0
votes

Asked in a recent interview

There is a log file containing one million integers. Each integer is 32 bits in length. Specific integer values in the log file might be repeated. You can read the log file sequentially. You can also read from and write to temp files sequentially; there is no limit to the number of files that may be open at any time. However, you may keep no more than 2000 integers in memory at any given time.

I was asked to produce a histogram showing absolute counts for each integer value that occurs in the log file and state an upper bound on order complexity for the number of times that each integer must be loaded into memory

4
I hope the job was a good one I'd have told them to stick itcusimar9

4 Answers

4
votes

That's a confusing question. Can't you just read 2,000 numbers, sort them, and then write to a temp file? Do that 500 times and then do an N-way merge. Each number would be loaded into memory twice.
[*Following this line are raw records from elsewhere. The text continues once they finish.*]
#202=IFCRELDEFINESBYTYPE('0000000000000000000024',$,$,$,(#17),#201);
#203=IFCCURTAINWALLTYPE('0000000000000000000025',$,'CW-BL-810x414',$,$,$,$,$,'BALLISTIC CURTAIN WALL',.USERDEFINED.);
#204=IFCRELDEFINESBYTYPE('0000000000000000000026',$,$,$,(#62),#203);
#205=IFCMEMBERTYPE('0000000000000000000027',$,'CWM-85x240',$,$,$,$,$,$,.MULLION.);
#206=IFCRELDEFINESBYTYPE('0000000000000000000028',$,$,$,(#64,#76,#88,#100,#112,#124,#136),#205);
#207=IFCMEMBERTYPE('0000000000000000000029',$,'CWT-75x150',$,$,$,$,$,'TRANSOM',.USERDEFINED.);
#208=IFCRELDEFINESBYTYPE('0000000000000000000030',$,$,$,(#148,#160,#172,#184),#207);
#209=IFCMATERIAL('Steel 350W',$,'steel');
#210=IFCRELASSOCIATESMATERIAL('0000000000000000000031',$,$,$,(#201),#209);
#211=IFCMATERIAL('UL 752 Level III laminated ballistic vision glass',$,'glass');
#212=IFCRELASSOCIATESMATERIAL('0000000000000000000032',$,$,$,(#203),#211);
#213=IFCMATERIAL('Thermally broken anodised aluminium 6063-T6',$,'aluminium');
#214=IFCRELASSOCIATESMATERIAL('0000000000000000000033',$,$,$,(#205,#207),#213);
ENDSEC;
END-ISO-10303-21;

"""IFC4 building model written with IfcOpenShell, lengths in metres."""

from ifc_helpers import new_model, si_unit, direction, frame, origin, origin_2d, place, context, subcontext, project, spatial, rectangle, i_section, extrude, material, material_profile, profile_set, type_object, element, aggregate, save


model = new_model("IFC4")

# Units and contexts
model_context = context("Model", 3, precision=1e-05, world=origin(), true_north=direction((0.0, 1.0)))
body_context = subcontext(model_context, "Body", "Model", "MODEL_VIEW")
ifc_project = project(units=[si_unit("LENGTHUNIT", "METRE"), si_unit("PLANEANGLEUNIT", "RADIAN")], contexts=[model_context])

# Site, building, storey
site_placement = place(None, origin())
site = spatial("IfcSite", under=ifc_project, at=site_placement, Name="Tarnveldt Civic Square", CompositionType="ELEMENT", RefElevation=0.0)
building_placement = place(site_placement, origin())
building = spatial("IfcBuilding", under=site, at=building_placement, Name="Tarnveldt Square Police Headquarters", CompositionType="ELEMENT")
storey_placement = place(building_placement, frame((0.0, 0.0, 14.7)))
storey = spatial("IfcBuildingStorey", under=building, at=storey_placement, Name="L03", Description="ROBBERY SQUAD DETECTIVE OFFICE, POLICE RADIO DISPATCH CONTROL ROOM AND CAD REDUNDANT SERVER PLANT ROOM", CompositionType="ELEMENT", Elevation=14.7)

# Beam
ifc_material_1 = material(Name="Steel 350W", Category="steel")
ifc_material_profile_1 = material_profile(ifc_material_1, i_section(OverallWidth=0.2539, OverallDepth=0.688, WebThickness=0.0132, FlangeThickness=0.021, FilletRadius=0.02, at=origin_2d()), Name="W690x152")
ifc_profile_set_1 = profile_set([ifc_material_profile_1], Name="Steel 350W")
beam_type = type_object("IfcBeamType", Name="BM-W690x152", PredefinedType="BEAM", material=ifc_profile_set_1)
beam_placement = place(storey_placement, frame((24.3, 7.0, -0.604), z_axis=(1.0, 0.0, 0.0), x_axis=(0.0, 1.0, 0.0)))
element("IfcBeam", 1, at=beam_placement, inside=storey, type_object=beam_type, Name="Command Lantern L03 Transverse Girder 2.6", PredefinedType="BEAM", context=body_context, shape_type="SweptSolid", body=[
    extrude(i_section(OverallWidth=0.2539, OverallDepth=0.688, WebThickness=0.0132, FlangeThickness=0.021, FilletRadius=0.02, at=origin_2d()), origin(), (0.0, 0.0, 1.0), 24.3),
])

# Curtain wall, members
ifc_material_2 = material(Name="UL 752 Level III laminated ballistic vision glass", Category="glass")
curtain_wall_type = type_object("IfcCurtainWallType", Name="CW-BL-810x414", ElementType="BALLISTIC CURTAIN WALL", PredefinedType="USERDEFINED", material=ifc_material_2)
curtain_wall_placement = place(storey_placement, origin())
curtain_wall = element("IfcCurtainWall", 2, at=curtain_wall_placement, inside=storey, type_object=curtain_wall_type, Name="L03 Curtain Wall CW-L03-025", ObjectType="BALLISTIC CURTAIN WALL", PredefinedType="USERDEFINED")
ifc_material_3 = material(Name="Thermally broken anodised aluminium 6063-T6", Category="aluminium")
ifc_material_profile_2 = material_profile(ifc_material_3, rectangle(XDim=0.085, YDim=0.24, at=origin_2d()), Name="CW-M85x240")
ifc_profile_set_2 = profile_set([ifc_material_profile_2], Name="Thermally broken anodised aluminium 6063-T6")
It's the same kind of thing you'd do if you had to sort a terabyte-sized file on a computer that only has 2 gigabytes of RAM.

3
votes

Open 232 temporary files, one for every integer. Read sequentially through the log file once. Whenever reading integer n, write '1' to the temp file number n. Then produce the histogram by going through all the temp files. Every integer is read into memory only once, so it's O(n) algorithm.

0
votes
  1. Keep in memory 2000 int = size of the buffer
  2. No limit for files for read / write = each number count will be stored in one file.

  3. Numbers of 32 bits length = Each file is one number and the file name is the 32bit that represents the integer ( integer value can be used as well )

  4. Show histogram (means no order is needed )

pseudo code:

count = 2000
HashMap<number, number> = new 

code:readbuffer
while count != 0 
read NextNumber
if HashMap.HasKey NextNumber then HashMap[NextNumber]++
else HashMap[NextNumber]=1
count --;
end while 

code:flushbuffer
foreach Key in HashMap 
 if exists FileName Key.ToBinnary 
  FileValue += HashMap[HashKey]
 else WriteNewFile FileName=Key.toBinnay; SetValue = 1
end foreach


code: histogram
each file name is the number;
each file value is the count. 

Costs: readbuffer

Sequencial number read = 2M (M = Million )

Map.HasKey = (search for the key in 2000 record, worst case the number is not there, SUMMARY( ∑2000)x2M )

SetValue on Map same cost as above

Total: (2M)+(2Mx∑2000)x2

Costs: flushbuffer File.exists 2M

Costs: histogram 2M

Total = 6M + 4Mx∑2000

0
votes

Implement a file based B-tree.

File names are GUIDs.

File content is: number-seen count left-node-file right-node-file

After one pass, the complexity can be derived from that of a B-tree.

And your historgram is implicit in the structure.